Liquid purification or separation – Processes – Liquid/liquid solvent or colloidal extraction or diffusing...
Reexamination Certificate
2000-04-14
2002-11-05
Drodge, Joseph W. (Department: 1723)
Liquid purification or separation
Processes
Liquid/liquid solvent or colloidal extraction or diffusing...
C127S046200, C127S054000, C210S651000, C210S656000, C210S662000, C210S663000, C210S669000, C210S677000
Reexamination Certificate
active
06475390
ABSTRACT:
This application is a 371 of PCT/AU98/00588.
TECHNICAL FIELD
The present invention relates to a process for purifying biological molecules from food process streams and to the biological molecules prepared by the process.
BACKGROUND ART
The food processing industry, particularly, the dairy and the sugar refining industries, generates substantial quantities of aqueous by-product solutions and extracts (process streams), which can present a serious waste disposal problem but which also represent a rich source of nutrients such as sugars, proteins, peptides, minerals, vitamins, etc.

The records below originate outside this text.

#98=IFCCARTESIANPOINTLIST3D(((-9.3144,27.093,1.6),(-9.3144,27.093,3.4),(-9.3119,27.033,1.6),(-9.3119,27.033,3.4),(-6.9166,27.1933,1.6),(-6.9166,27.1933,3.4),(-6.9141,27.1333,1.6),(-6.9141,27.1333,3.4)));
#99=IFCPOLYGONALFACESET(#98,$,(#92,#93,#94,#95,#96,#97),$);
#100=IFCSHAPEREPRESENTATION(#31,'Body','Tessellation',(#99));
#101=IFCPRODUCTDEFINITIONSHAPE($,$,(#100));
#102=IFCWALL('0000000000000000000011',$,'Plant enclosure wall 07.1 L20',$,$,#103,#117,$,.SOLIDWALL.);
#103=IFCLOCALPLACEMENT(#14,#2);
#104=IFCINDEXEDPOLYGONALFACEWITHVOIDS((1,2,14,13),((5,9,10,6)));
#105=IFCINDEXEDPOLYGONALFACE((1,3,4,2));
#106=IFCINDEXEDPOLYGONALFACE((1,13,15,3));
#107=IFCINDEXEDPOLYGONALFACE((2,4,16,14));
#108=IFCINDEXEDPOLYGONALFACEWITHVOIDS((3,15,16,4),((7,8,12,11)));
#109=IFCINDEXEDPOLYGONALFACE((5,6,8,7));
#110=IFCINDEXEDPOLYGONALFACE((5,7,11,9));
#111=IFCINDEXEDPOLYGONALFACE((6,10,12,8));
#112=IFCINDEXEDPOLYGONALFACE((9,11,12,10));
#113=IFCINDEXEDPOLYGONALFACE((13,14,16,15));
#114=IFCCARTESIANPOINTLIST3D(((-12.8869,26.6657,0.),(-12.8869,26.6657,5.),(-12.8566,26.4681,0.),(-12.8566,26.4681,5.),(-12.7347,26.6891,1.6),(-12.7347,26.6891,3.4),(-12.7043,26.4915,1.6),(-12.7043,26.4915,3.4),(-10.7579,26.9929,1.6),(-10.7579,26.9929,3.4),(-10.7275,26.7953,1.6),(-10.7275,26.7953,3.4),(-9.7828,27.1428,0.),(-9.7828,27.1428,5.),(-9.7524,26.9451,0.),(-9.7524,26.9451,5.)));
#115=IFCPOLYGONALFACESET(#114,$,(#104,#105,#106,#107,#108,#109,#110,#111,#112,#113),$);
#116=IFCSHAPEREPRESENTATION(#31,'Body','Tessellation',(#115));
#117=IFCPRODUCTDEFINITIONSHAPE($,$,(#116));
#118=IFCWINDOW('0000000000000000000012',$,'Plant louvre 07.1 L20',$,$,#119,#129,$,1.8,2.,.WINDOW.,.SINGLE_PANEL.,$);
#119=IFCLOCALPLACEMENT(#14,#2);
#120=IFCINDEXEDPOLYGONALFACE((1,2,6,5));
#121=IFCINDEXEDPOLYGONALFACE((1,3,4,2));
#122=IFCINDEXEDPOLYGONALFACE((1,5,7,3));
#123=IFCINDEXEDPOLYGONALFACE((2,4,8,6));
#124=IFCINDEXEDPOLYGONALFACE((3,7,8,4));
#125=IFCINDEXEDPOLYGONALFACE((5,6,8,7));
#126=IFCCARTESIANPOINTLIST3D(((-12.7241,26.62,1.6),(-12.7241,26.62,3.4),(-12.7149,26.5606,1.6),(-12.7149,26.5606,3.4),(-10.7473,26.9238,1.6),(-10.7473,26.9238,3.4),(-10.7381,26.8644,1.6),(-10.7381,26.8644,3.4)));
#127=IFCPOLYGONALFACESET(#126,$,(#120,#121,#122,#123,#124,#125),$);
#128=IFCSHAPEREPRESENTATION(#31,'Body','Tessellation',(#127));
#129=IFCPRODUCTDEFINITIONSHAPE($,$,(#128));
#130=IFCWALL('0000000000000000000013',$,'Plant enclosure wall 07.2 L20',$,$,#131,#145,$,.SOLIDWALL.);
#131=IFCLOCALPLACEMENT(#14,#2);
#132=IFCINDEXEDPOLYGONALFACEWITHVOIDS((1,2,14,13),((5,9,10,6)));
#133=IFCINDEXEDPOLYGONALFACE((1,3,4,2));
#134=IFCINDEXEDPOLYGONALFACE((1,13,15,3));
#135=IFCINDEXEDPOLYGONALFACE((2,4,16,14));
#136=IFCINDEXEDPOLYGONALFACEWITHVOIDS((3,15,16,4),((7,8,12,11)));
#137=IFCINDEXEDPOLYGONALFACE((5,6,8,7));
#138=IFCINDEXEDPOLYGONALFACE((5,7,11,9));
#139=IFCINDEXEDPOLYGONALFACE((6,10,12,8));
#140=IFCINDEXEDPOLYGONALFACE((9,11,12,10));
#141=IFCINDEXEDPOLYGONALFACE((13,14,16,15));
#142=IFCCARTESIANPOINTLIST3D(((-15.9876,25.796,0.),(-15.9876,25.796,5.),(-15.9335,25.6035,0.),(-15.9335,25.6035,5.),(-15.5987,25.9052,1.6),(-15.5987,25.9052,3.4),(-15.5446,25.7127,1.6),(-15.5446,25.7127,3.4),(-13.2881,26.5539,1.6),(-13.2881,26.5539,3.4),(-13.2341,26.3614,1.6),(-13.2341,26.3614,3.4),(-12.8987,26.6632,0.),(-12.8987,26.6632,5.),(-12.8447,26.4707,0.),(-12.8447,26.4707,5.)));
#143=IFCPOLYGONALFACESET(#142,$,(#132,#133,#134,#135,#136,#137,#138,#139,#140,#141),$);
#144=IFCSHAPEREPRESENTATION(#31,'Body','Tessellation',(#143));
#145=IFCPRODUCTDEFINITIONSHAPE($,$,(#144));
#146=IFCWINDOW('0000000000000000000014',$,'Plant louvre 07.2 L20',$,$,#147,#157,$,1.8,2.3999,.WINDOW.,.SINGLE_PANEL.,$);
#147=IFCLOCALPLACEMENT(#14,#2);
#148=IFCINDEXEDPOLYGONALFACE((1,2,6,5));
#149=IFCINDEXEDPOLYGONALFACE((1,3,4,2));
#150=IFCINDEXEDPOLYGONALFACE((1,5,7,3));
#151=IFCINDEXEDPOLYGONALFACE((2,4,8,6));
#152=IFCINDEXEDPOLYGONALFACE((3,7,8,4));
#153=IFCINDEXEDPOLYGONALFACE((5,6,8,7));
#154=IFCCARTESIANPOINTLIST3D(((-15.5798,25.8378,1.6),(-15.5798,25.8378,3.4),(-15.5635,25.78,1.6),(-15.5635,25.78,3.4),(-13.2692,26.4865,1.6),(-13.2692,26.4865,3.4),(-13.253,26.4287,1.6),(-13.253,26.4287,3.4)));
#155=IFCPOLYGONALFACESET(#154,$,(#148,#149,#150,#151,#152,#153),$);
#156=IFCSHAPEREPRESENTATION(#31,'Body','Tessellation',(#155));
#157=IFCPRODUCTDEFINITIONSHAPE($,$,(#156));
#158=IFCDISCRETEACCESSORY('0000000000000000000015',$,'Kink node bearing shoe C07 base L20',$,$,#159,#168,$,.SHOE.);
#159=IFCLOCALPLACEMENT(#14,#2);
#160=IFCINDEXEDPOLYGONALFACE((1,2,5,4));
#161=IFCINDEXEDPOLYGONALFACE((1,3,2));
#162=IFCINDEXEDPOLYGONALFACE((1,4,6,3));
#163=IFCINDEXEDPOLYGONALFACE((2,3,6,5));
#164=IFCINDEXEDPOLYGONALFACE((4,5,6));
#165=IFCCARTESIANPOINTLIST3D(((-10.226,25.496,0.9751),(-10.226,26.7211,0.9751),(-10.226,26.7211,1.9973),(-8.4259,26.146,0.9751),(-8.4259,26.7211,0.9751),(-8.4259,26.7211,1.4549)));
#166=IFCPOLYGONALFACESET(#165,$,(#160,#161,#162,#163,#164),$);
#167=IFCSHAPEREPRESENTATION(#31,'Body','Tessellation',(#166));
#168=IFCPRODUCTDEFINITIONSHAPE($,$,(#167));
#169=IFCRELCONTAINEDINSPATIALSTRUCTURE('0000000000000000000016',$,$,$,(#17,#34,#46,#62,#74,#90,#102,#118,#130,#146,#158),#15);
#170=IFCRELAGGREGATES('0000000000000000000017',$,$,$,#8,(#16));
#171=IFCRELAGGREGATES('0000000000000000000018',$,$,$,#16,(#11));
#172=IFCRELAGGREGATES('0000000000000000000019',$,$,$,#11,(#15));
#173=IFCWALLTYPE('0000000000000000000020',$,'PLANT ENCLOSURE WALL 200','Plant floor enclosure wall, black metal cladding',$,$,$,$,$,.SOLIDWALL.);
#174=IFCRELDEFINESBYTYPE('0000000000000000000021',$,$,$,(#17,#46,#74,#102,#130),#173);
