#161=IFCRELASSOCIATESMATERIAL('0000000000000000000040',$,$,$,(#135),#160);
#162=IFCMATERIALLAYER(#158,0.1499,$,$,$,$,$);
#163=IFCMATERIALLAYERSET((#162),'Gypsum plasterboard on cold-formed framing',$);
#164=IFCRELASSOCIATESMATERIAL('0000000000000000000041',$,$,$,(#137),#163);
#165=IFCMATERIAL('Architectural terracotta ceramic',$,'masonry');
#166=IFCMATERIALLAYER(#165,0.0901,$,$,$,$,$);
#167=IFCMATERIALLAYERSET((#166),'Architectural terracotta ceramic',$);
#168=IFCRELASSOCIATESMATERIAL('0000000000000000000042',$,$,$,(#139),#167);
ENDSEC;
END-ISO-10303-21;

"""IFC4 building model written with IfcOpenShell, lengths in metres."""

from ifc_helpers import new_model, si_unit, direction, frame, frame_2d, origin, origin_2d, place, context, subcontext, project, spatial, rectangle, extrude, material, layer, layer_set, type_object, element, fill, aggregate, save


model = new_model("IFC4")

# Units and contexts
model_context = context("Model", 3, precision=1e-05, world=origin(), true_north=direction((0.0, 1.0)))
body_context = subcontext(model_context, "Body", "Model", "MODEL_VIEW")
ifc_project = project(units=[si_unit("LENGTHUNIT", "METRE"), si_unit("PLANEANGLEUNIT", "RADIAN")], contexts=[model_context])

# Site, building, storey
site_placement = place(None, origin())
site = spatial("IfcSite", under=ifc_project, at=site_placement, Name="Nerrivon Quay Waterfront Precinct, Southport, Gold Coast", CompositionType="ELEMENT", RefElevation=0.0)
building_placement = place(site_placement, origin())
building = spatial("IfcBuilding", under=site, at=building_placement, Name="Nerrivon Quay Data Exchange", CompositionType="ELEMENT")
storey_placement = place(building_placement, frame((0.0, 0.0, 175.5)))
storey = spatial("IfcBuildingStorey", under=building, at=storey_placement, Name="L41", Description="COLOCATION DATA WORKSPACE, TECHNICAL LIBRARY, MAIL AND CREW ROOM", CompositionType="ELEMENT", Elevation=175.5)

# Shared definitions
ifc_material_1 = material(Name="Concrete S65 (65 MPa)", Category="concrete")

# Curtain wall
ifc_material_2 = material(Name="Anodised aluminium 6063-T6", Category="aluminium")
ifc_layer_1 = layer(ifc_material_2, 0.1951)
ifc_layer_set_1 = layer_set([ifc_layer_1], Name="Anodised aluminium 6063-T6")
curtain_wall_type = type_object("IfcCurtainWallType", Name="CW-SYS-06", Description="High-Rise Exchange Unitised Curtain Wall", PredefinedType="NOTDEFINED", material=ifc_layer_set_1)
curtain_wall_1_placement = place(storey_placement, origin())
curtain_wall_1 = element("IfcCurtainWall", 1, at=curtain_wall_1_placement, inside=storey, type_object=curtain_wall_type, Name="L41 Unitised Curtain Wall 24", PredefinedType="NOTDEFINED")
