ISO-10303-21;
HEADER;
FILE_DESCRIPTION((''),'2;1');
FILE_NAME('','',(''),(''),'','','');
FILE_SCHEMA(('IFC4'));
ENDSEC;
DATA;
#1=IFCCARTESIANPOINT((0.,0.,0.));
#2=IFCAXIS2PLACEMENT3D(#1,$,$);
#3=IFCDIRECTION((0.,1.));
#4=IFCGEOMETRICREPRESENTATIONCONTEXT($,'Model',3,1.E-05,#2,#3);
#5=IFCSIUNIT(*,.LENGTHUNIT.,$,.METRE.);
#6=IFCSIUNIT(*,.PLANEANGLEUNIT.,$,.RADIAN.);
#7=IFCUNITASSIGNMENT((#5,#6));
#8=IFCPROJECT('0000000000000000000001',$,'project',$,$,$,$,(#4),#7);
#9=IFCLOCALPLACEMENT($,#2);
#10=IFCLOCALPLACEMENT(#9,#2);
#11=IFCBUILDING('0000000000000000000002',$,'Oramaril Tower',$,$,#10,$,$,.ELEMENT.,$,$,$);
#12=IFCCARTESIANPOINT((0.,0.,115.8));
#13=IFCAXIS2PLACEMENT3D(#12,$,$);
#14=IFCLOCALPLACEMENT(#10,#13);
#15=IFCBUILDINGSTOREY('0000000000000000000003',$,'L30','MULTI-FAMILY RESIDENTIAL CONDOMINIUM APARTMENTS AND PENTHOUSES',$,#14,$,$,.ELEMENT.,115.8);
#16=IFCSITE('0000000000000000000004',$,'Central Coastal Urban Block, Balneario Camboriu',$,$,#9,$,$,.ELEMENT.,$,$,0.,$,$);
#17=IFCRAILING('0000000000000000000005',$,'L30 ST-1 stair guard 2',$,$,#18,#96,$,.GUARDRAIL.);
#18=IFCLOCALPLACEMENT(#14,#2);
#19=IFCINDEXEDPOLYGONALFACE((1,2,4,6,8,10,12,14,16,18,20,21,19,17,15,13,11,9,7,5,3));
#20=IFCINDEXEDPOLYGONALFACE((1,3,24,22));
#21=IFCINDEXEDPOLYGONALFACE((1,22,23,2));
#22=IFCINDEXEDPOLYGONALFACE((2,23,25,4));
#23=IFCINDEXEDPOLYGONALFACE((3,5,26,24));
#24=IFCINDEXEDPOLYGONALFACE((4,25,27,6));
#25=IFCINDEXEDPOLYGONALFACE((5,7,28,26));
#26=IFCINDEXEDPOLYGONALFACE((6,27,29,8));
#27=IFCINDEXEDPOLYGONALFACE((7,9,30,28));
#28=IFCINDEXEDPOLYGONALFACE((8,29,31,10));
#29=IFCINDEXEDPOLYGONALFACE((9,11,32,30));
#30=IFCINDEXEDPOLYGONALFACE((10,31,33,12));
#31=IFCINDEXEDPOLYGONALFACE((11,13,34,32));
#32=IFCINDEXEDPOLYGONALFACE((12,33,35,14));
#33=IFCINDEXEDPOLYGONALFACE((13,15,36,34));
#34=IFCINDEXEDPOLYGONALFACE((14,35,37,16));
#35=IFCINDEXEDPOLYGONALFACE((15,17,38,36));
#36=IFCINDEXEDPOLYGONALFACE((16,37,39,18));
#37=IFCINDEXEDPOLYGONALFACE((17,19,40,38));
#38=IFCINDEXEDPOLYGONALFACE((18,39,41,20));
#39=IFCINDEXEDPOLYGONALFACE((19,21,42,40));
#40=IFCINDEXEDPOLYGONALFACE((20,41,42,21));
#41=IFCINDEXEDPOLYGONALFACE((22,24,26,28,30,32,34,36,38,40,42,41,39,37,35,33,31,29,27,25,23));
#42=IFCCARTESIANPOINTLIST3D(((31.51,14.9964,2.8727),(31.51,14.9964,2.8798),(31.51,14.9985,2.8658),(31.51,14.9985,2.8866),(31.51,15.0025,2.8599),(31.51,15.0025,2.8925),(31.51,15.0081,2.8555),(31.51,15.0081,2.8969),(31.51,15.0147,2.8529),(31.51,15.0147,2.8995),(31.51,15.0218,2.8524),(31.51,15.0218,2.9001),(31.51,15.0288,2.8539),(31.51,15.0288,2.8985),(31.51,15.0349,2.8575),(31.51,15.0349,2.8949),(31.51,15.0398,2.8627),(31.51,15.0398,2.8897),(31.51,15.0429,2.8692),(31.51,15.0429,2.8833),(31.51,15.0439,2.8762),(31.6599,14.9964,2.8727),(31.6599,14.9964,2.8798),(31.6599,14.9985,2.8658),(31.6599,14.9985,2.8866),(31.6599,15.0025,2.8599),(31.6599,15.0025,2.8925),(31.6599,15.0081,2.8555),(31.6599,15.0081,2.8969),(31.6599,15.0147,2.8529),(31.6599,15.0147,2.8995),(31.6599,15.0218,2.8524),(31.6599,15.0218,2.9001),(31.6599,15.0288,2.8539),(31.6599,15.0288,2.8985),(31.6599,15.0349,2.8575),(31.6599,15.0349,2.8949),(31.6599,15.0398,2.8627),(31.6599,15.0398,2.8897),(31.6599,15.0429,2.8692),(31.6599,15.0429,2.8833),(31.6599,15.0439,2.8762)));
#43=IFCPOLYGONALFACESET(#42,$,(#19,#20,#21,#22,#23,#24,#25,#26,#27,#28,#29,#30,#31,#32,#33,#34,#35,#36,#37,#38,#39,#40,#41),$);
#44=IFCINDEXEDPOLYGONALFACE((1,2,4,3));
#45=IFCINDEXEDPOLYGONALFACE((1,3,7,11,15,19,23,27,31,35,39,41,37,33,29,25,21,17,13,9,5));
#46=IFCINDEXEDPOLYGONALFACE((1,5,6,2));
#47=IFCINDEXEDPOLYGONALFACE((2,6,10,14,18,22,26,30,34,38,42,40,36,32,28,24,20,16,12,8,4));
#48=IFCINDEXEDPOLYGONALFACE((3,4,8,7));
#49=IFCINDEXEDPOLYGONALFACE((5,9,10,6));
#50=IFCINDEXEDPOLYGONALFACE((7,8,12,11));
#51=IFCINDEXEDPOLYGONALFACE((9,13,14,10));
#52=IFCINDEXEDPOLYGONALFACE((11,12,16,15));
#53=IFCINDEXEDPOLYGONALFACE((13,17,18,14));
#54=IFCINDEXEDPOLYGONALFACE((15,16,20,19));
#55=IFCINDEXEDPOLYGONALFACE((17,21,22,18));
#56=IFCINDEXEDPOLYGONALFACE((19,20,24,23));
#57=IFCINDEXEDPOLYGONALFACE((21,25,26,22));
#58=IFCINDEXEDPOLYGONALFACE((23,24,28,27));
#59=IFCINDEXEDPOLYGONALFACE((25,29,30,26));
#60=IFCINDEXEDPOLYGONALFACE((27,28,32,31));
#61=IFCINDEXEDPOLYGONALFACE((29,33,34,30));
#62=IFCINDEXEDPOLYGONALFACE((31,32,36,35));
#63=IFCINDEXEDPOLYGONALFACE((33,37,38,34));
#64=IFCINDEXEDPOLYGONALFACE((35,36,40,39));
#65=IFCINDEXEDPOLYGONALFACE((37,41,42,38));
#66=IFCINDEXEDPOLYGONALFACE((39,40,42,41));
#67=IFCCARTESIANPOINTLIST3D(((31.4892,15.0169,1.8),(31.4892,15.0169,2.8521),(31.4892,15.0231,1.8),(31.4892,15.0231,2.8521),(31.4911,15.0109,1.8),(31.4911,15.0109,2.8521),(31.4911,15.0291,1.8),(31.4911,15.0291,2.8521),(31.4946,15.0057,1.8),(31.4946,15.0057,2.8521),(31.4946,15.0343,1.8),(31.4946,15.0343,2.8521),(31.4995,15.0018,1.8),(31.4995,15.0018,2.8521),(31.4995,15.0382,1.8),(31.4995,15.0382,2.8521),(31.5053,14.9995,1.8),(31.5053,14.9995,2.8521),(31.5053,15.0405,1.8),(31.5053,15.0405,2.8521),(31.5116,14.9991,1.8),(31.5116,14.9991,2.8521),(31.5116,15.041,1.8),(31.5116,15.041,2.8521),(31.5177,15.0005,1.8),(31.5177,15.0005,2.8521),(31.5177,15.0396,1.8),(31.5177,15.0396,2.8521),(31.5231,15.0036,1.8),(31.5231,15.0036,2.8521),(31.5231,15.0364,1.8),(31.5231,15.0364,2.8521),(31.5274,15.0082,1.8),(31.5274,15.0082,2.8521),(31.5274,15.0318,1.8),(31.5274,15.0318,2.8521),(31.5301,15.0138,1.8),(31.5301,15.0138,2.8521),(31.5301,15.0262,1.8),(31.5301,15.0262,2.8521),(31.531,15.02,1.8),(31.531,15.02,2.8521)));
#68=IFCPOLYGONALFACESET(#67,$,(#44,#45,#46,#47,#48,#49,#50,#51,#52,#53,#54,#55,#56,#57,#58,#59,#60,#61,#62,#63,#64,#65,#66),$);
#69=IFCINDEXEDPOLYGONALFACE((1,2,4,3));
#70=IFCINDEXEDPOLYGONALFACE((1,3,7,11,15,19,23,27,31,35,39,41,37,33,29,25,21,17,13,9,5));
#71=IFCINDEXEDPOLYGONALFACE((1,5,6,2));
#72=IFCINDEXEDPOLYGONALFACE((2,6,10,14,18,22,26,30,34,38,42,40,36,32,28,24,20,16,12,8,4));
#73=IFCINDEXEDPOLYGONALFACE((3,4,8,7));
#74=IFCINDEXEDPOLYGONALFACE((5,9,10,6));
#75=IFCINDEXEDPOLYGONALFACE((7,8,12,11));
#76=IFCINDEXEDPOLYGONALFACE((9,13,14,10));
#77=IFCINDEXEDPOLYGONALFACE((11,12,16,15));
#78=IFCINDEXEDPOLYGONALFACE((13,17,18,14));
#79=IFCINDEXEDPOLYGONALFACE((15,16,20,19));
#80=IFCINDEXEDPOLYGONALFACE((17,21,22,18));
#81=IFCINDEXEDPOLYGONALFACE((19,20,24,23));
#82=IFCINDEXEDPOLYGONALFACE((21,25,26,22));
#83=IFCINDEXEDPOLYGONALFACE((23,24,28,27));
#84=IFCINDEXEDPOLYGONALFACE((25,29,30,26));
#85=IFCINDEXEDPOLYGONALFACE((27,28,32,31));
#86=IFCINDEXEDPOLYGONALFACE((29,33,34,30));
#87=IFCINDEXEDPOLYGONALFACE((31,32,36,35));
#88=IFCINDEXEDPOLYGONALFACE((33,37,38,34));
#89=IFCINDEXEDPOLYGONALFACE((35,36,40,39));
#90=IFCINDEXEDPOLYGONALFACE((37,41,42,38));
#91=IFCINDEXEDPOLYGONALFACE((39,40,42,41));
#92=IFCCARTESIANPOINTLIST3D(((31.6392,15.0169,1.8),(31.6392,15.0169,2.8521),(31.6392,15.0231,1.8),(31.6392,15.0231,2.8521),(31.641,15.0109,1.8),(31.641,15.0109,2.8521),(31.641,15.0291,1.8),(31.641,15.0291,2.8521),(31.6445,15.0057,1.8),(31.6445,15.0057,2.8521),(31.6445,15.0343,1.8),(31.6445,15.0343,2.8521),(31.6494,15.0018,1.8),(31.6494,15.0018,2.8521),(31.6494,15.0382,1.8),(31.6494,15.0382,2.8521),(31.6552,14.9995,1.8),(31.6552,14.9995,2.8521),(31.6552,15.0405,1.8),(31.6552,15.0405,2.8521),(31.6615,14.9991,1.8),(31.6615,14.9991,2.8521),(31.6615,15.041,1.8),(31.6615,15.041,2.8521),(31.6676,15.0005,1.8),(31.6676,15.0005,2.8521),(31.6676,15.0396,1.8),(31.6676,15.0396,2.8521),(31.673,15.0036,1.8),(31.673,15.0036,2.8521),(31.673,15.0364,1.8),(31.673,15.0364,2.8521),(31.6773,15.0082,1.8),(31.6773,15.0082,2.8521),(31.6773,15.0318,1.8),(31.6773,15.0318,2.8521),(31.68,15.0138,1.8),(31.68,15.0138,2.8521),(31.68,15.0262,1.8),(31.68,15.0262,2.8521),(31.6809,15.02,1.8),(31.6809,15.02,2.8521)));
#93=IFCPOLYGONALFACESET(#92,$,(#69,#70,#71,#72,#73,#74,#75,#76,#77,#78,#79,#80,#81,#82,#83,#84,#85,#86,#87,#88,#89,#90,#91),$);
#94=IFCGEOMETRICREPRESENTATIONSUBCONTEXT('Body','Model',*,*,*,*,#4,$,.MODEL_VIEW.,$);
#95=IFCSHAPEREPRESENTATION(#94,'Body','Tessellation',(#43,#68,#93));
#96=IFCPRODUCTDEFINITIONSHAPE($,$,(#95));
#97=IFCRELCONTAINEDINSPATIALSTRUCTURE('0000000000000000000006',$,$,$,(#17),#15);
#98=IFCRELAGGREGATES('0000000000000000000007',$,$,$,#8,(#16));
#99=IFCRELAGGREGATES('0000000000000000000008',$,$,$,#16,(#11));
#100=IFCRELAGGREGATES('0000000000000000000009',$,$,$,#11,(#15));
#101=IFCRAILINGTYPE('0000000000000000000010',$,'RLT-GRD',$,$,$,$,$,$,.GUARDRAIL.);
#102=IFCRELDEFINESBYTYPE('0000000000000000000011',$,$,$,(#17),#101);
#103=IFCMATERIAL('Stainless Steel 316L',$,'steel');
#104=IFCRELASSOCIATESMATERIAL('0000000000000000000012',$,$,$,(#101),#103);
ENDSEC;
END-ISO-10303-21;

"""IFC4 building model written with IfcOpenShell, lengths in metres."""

from ifc_helpers import new_model, si_unit, direction, frame, origin, origin_2d, place, context, subcontext, project, spatial, circle, extrude, material, type_object, element, save


model = new_model("IFC4")

# Units and contexts
model_context = context("Model", 3, precision=1e-05, world=origin(), true_north=direction((0.0, 1.0)))
body_context = subcontext(model_context, "Body", "Model", "MODEL_VIEW")
ifc_project = project(units=[si_unit("LENGTHUNIT", "METRE"), si_unit("PLANEANGLEUNIT", "RADIAN")], contexts=[model_context])

# Site, building, storey
site_placement = place(None, origin())
site = spatial("IfcSite", under=ifc_project, at=site_placement, Name="Central Coastal Urban Block, Balneario Camboriu", CompositionType="ELEMENT", RefElevation=0.0)
building_placement = place(site_placement, origin())
building = spatial("IfcBuilding", under=site, at=building_placement, Name="Oramaril Tower", CompositionType="ELEMENT")
storey_placement = place(building_placement, frame((0.0, 0.0, 115.8)))
storey = spatial("IfcBuildingStorey", under=building, at=storey_placement, Name="L30", Description="MULTI-FAMILY RESIDENTIAL CONDOMINIUM APARTMENTS AND PENTHOUSES", CompositionType="ELEMENT", Elevation=115.8)

# Railing
ifc_material_1 = material(Name="Stainless Steel 316L", Category="steel")
railing_type_1 = type_object("IfcRailingType", Name="RLT-GRD", PredefinedType="GUARDRAIL", material=ifc_material_1)
railing_1_placement = place(storey_placement, frame((31.51, 15.02, 1.8)))
element("IfcRailing", 1, at=railing_1_placement, inside=storey, type_object=railing_type_1, Name="L30 ST-1 stair guard 2", PredefinedType="GUARDRAIL", context=body_context, shape_type="SweptSolid", body=[
    extrude(circle(Radius=0.0239, at=origin_2d()), frame((0.0, 0.0, 1.0762), z_axis=(1.0, 0.0, 0.0), x_axis=(0.0, 1.0, 0.0)), (0.0, 0.0, 1.0), 0.1499),
    extrude(circle(Radius=0.021, at=origin_2d()), origin(), (0.0, 0.0, 1.0), 1.052),
    extrude(circle(Radius=0.021, at=origin_2d()), frame((0.1499, 0.0, 0.0)), (0.0, 0.0, 1.0), 1.052),
])

save(model, "model.ifc")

By extracting the valuable nutrients from the aqueous process streams before disposal, the environmental impact of such wastes can be minimised.
Methods for extraction of sugars from aqueous food processing streams or extracts, based on chromatographic separation procedures, have been described for sucrose molasses, whole whey, milk, and lactose molasses etc. The methods that make use of chromatographic procedures, particularly ion exclusion chromatography, have the disadvantage of not being able to resolve clearly the peaks of ionic materials from non-ionic materials in the presence of divalent cations. The process comprises, at least in part, subjecting the process stream to an ion exclusion chromatography step using a chromatography column comprising a strong cation resin in the monovalent metal form. As the magnesium and/or calcium ions contained in the process stream exchange with the monovalent metal ions on the cation resin, the separating capability of the cation resin is progressively reduced. This necessitates periodic interruption of the purification procedure to regenerate the cation exchange resin which in turn involves consumption of regeneration reagents thus resulting in the generation of further waste material requiring disposal and the reduction in the productivity of the process.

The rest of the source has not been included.